Authentication and authorization

[eboileau]

Aims/objectives.

Add login (sign-in), logout, and sign-up to the application, secure API calls, route guards using Vue Router, etc.

A clear and concise description of todo items.

• What does login provide? Dataset upload via form (dataset can be made public or kept private/for user only), dataset management (e.g. tag dataset from Browse view, create "carts" or profiles, share dataset (public or private) via links, access to restricted vs. public data), ...
• Do we need full role-based authorization, e.g. admin for project creation. Currently this is done via the Flask CLI, and maybe this is enough...
• How? e.g.

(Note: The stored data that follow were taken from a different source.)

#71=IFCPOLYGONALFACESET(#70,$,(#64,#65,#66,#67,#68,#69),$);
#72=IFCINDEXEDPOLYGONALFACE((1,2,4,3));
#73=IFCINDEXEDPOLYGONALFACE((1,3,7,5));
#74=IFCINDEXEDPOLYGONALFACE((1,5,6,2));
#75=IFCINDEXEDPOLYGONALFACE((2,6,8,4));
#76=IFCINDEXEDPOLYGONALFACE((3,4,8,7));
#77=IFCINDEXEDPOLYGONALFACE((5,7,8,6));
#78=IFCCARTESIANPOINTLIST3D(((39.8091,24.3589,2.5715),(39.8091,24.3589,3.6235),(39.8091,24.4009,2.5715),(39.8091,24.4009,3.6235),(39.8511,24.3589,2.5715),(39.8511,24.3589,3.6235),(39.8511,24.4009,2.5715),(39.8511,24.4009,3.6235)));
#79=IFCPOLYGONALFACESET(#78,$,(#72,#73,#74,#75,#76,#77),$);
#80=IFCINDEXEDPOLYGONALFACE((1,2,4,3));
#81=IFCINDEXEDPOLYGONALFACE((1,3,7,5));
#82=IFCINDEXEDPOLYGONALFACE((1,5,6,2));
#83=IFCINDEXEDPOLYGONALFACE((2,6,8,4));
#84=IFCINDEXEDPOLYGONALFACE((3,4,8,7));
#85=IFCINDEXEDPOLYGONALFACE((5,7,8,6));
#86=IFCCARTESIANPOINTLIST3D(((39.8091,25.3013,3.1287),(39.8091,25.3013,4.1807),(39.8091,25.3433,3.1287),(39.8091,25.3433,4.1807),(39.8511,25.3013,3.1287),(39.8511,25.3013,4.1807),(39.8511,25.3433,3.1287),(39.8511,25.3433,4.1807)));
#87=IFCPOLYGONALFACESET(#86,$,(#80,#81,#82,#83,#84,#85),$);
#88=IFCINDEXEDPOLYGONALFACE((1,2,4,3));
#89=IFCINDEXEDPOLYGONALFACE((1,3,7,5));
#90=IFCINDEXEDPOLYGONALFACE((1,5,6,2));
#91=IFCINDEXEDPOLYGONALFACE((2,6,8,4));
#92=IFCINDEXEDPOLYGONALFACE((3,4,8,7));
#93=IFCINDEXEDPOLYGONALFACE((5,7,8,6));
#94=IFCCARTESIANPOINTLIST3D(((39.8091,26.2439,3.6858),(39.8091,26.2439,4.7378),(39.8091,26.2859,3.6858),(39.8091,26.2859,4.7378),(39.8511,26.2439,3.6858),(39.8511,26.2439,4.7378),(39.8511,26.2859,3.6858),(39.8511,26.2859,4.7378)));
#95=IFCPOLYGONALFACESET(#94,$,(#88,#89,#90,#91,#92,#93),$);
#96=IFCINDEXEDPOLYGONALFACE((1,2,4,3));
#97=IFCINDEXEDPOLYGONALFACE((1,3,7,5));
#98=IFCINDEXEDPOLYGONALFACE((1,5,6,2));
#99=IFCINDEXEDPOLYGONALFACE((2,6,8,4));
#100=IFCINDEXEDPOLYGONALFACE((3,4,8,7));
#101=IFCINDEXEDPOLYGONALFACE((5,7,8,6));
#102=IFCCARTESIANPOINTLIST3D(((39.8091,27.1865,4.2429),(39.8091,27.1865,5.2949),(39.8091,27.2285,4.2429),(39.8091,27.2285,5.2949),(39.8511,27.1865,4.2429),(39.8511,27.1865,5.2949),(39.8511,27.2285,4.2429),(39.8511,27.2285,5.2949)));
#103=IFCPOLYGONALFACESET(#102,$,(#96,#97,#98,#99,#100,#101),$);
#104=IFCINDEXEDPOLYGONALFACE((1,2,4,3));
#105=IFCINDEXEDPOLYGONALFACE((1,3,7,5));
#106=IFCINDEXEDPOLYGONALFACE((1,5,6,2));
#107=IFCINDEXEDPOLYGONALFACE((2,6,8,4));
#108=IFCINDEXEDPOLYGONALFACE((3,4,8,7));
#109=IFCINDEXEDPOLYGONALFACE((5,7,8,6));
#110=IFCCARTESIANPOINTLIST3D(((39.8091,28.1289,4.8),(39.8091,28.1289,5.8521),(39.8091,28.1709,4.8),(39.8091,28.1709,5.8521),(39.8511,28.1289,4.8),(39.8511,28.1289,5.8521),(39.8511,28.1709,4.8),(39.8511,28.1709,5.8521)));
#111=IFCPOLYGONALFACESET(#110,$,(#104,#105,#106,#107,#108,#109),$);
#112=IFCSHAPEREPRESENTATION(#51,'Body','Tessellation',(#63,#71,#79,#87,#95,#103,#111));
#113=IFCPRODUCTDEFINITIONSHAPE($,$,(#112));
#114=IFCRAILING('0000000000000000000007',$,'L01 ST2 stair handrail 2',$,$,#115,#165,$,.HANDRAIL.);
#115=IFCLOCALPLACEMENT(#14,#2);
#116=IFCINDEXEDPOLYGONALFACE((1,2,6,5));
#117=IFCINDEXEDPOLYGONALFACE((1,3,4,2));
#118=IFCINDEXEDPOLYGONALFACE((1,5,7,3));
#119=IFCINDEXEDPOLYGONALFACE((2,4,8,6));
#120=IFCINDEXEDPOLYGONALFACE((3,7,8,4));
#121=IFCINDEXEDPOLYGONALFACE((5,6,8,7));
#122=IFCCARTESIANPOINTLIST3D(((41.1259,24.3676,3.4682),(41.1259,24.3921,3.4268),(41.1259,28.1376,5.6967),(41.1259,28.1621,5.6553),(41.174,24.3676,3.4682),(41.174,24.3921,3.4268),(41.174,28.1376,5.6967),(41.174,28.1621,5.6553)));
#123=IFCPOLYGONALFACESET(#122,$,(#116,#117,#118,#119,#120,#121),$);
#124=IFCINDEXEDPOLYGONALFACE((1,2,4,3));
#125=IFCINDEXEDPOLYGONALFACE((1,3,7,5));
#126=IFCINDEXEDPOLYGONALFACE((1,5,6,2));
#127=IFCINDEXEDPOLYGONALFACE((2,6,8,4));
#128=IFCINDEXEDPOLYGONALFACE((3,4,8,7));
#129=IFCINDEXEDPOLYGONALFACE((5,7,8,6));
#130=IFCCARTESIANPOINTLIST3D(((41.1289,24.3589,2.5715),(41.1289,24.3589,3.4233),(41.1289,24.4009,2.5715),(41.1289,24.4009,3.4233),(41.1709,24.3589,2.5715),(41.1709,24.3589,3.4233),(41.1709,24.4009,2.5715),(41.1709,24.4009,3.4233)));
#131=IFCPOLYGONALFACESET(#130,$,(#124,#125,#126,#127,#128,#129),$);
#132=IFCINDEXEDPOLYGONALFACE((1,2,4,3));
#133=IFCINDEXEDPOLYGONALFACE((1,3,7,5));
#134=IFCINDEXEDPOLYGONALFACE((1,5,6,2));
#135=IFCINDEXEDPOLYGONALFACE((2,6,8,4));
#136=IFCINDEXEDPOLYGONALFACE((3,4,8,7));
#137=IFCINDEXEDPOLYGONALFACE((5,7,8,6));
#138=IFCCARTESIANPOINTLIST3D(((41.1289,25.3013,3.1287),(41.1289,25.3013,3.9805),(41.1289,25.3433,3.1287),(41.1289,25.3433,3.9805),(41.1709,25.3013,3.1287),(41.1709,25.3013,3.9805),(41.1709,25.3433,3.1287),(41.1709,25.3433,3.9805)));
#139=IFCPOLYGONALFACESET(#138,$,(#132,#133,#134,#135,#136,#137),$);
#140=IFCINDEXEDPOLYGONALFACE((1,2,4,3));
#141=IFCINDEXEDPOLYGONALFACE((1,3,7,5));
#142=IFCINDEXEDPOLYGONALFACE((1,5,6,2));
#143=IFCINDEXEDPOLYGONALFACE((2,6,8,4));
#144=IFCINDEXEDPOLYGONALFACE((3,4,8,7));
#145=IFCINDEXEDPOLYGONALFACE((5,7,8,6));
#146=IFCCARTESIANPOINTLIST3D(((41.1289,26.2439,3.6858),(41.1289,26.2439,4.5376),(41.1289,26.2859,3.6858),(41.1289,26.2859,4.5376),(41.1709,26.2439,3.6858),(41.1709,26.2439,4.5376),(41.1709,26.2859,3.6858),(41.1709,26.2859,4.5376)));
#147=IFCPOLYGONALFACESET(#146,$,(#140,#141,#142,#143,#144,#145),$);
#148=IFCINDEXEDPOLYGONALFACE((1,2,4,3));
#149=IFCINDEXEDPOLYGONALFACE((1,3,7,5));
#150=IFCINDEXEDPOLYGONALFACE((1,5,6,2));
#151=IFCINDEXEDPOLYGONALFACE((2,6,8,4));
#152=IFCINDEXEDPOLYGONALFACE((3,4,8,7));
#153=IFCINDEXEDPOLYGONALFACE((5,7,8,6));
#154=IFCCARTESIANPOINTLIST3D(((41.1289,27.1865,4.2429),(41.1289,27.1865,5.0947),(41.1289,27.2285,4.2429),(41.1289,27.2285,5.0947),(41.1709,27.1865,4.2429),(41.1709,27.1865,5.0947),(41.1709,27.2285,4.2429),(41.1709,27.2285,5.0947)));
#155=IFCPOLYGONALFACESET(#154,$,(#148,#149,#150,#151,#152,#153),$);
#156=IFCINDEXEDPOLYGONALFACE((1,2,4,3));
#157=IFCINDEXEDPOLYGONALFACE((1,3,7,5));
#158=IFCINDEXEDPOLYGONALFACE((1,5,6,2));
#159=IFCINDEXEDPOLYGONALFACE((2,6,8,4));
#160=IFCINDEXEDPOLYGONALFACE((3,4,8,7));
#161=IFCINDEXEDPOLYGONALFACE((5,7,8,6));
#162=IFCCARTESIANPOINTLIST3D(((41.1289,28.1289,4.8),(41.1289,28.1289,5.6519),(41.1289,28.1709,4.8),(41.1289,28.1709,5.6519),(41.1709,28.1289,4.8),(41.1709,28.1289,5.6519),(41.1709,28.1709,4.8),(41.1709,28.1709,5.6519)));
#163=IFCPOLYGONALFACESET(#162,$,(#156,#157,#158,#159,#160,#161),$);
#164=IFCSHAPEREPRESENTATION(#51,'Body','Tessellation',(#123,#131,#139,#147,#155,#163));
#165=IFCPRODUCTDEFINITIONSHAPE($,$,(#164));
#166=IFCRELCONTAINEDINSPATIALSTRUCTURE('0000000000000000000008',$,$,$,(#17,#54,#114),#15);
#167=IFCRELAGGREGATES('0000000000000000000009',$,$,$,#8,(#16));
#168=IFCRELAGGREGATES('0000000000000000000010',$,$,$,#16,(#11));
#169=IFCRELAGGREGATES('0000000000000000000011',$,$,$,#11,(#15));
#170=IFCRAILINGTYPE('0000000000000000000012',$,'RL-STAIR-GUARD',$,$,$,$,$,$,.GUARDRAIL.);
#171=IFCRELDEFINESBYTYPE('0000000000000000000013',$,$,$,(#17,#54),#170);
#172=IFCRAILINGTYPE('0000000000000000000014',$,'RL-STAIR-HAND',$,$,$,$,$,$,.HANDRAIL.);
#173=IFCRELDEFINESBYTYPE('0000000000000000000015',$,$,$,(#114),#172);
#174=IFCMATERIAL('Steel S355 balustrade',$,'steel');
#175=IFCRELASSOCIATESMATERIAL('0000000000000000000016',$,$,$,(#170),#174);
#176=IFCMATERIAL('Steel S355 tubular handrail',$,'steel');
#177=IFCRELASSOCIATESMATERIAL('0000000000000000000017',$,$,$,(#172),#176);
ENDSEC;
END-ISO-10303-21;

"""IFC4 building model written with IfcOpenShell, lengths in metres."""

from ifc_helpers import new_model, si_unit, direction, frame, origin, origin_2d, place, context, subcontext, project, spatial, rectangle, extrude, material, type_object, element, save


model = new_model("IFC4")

Cookie-based/JWT authentication (Flask -> Axios), there is also Pinia , a state management library that could be used for that (we may need it anyway to track a user session...), and other authentication-as-a-service solutions, e.g. open source alternatives to Auth0.

Notes/questions.

• I think the current setup with all routes going to / may not work when adding "secure routes". Besides, this does not currently allow to "go back/go forward", as it always returns to home/index.
• Do we need to add database tables to record user information?

[HaraldWilhelmi]

Few general ideas:

• May be we should first decide where our account database should live. The following options come to mind: A LDAP server (including AD, e.g. the AG Dieterich LDAP server), an external OAUTH2 provider (e.g. GitHub), the local database.
• JWT allows a stateless server. That is nice, but only helps if we don't need state on the server for other reasons. E.g. in Medex we decided to have a per-session server-side cached data in the database.